Ben Corino doet verslag vanuit de lokale en regionale politiek:

In navolging van Rotterdam stemde de Dordtse gemeenteraad voor verkoop van haar Eneco-aandelen. Ook buurgemeente Zwijndrecht gaat voor het cashen van deze aandelen.

In de raadsvergadering bleef het lang onduidelijk wat de uitkomst zou gaan worden. Van de 53 gemeenten die aandelen Eneco in hun bezit hebben hadden twee van de drie grootaandeelhouders Den Haag en Rotterdam al een besluit genomen. Den Haag besloot om de aandelen te houden, Rotterdam besloot voor verkoop ervan. En gisteravond volgde na een lange beraadslaging Dordrecht.

De tegenstanders van de verkoop beriepen zich op het groene en duurzame karakter van Eneco en de historie waarin het voormalige Gemeentelijke Energie Bedrijf vanouds in handen van de overheid was. Ook werd er waarde gehecht om als aandeelhouder zeggenschap te behouden op het beleid van Eneco. Maar deze illusionaire vervalsing van de realiteit werd door de wethouder Financiën, Jasper Mos, doorgeprikt. Niet de gemeentelijke aandeelhouders maar de Raad van Commissarissen sturen het beleid van Eneco. Bovendien lag er de principevraag of gemeenten aandeelhouder moeten willen zijn.

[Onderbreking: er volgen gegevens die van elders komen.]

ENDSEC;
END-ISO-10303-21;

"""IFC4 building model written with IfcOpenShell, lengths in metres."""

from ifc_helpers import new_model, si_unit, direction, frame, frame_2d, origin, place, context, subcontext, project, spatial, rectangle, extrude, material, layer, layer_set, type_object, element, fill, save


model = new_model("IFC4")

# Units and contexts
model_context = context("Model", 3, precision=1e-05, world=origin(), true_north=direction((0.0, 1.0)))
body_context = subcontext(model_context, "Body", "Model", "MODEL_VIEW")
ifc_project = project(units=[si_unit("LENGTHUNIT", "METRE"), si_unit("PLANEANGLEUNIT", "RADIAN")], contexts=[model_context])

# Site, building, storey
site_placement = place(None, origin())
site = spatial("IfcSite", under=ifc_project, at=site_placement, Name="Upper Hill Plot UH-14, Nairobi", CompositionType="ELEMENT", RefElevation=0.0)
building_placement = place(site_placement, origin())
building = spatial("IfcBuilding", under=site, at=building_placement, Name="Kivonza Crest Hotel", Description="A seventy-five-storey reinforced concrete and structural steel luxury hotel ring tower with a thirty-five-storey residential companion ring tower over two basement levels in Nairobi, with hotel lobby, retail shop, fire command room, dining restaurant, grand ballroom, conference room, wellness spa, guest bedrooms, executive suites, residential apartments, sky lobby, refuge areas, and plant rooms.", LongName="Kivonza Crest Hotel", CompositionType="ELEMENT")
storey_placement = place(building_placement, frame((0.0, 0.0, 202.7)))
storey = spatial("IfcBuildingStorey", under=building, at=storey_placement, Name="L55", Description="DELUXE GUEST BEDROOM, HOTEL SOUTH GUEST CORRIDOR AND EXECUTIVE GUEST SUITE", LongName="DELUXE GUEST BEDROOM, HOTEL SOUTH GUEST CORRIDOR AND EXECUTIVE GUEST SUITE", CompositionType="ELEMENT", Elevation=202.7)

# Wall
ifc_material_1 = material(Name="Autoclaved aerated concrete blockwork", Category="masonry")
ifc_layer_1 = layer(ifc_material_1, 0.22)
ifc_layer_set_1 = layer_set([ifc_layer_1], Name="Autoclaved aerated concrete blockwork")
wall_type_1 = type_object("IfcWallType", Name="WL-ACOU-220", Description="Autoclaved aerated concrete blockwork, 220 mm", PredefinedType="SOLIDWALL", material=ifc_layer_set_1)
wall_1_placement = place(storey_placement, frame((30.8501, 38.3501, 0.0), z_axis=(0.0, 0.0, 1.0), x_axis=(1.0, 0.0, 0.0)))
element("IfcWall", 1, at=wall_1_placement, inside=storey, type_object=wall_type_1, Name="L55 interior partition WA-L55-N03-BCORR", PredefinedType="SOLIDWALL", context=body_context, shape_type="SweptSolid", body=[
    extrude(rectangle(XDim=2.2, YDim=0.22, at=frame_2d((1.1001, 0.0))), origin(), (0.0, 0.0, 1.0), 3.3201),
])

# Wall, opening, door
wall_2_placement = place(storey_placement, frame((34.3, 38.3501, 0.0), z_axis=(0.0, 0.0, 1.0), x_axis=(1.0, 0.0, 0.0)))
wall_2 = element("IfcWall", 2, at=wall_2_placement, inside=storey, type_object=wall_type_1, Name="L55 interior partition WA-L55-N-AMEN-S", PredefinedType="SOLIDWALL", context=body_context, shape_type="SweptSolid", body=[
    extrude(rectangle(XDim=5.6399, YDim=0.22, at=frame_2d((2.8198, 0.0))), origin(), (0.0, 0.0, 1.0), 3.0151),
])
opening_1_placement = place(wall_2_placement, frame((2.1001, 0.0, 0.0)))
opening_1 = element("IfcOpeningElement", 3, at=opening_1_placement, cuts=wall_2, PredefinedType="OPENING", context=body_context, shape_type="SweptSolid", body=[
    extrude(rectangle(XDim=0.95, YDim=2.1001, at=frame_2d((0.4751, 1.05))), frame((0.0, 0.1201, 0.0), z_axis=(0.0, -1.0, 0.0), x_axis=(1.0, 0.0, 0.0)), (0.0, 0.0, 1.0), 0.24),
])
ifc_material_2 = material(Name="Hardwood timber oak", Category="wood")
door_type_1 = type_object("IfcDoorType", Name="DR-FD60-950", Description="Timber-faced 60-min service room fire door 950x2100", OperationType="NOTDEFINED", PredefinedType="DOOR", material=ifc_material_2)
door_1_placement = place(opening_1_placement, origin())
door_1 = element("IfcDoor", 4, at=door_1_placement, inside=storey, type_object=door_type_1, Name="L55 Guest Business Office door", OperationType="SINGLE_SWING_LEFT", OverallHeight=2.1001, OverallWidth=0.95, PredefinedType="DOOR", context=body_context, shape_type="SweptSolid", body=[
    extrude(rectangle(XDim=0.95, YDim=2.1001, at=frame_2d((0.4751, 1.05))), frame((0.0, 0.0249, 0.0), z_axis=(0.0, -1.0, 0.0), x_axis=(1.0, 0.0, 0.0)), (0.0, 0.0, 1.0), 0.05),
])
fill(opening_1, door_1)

De angst dat verkoop van het bedrijf gevolgen voor de werkgelegenheid kan hebben, zoals de PvdA opperde vond het merendeel van de raad niet doorslaggevend.
Bert Staat van de CU/SGP stelde dat bij verkoop de jaarlijkse dividend, 3 à 4 miljoen euro, die als een vaste waarde in de begroting is opgenomen bij verkoop komt te vervallen. Daarentegen komt er wel, door verkoop eenmalig een bedrag binnen van vermoedelijk 250 miljoen euro binnen. Hij wilde duidelijkheid hoe er met deze opbrengst zal worden omgegaan. Die duidelijkheid kon Mos nog niet bieden.

Het was bij de stemming de stem van Beter voor Dordt die de doorslag gaf waardoor de raad met 25 stemmen voor en 13 tegen in principe akkoord ging met de afbouw Dordtse Eneco aandelen. In principe dan want rond mei volgend jaar moet er door het nieuwe College en gemeenteraad een definitief akkoord worden gegeven wanneer er meer duidelijkheid bestaat over de verdere afwikkeling van de verkoopopbrengst.